Pemkot Yogyakarta mengingatkan sekolah PTM disiplin protokol kesehatan

id PTM terbatas,sekolah,protokol kesehatan

Pemkot Yogyakarta mengingatkan sekolah PTM disiplin protokol kesehatan

Siswa di SMP Negeri 4 Yogyakarta mengikuti penilaian tengah semester yang dilakukan sebagai bagian dari simulasi PTM terbatas, Senin (20/9/21) (ANTARA/Eka AR)

Yogyakarta (ANTARA) - Pemerintah Kota Yogyakarta mengingatkan sekolah yang sudah mulai menjalankan pembelajaran tatap muka secara terbatas untuk tetap disiplin menjalankan protokol kesehatan guna memastikan tidak ada penularan COVID-19 di sekolah.

“Pelaksanaan pembelajaran tatap muka (PTM) terbatas memang tergantung kesiapan sekolah. Bagi yang sudah melakukan PTM, maka disiplin protokol kesehatan tetap harus dijalankan,” kata Wakil Wali Kota Yogyakarta Heroe Poerwadi di Yogyakarta, Senin.

Menurut dia, penerapan protokol kesehatan secara disiplin baik saat di sekolah maupun saat di rumah menjadi kunci penting bagi keberhasilan pelaksanaan PTM terbatas di sekolah.

Ia pun mengacu pada salah satu kejadian yang sempat muncul saat simulasi pembelajarann tatap muka yang sempat digelar beberapa bulan lalu, sebelum PPKM diterapkan.

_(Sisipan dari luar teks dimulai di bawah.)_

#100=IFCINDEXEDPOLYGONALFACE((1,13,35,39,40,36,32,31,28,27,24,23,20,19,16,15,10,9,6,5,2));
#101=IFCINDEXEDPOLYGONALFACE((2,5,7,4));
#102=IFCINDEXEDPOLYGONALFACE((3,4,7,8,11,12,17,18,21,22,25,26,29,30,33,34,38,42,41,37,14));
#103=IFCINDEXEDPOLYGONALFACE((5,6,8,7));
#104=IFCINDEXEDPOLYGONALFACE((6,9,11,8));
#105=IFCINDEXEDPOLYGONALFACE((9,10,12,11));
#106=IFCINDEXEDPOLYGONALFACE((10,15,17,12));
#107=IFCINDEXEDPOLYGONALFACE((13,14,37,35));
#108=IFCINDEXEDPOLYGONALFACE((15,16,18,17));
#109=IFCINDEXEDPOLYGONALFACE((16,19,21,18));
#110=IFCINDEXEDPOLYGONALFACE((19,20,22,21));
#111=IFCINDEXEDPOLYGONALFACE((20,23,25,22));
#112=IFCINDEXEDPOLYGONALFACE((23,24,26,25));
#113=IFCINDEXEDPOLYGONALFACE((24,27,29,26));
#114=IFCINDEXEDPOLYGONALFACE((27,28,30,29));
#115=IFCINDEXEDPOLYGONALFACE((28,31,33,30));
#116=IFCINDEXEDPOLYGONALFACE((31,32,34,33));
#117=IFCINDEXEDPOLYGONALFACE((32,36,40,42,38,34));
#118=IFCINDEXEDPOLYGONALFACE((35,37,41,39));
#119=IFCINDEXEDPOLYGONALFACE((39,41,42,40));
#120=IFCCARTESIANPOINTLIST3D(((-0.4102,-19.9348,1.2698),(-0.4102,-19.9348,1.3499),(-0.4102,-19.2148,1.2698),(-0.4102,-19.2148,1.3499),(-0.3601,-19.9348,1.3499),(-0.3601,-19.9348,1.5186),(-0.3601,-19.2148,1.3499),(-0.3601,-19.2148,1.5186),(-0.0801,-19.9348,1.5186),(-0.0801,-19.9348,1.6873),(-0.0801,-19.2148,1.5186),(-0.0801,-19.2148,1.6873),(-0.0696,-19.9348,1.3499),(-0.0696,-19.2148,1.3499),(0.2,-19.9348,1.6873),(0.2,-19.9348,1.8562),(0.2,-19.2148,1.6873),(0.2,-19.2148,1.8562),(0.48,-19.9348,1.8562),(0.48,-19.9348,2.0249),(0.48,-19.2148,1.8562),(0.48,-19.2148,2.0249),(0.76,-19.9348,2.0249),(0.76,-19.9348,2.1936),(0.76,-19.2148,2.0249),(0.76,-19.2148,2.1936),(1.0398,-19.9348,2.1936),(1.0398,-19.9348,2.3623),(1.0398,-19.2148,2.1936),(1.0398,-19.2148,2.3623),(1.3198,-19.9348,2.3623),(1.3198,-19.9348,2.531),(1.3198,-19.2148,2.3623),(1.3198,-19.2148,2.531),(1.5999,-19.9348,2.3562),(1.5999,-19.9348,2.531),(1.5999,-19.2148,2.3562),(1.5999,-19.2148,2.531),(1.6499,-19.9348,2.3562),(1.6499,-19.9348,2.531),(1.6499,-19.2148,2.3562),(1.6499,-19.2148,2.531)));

“Di salah satu kelas sempat muncul satu kasus COVID-19. Tetapi setelah dilakukan testing, tidak ada yang tertular. Ini menjadi bukti jika penerapan prokes ketat sangat penting dalam PTM terbatas,” katanya.

Penerapan protokol kesehatan secara ketat, lanjut Heroe, tidak hanya saat dilakukan pembelajaran tatap muka di kelas, tetapi harus diterapkan saat siswa tiba di sekolah dan saat siswa hendak kembali ke rumah.

“Misalnya saat penjemputan. Harus dipastikan tidak ada kerumunan,” katanya.

Untuk capaian vaksinasi bagi pelajar, Heroe menyebut sudah mencapai 82 persen.

“Sisanya adalah pelajar yang masih berada di kampung halaman dan belum kembali ke Yogyakarta,” katanya.

Kepala SMP Negeri 4 Yogyakarta Suramanto mengatakan PTM terbatas di sekolah tersebut akan dilakukan secara penuh atau diikuti siswa kelas 7, 8, dan 9 secara serentak, mulai pekan depan.

“Untuk pekan ini, masih dilakukan penilaian tengah semester (PTS) yang juga menjadi uji coba PTM terbatas. Saat PTS, ada anak yang mengerjakan soal di sekolah dan di rumah. PTS dilakukan sepenuhnya secara daring,” katanya.

Untuk penerapan PTM terbatas pekan depan, akan dilakukan secara bergiliran karena kapasitas kelas maksimal 50 persen.

“Siswa masuk selang-seling. Dibagi ganjil genap berdasarkan nomor urut siswa di kelas,” katanya.

Ia menyebut 86,7 persen siswa di SMP tersebut sudah menjalani vaksinasi COVID-19.

Dia mengaku sekolah juga sudah memberikan pemberitahuan dan surat kesediaan orang tua untuk mengizinkan anaknya menjalani PTM di sekolah.

“Sekitar 90 persen orang tua sudah memberikan izin kepada anaknya untuk mengikuti PTM terbatas di sekolah. Kegiatan belajar mengajar maksimal dilakukan tiga jam tiap hari,” katanya.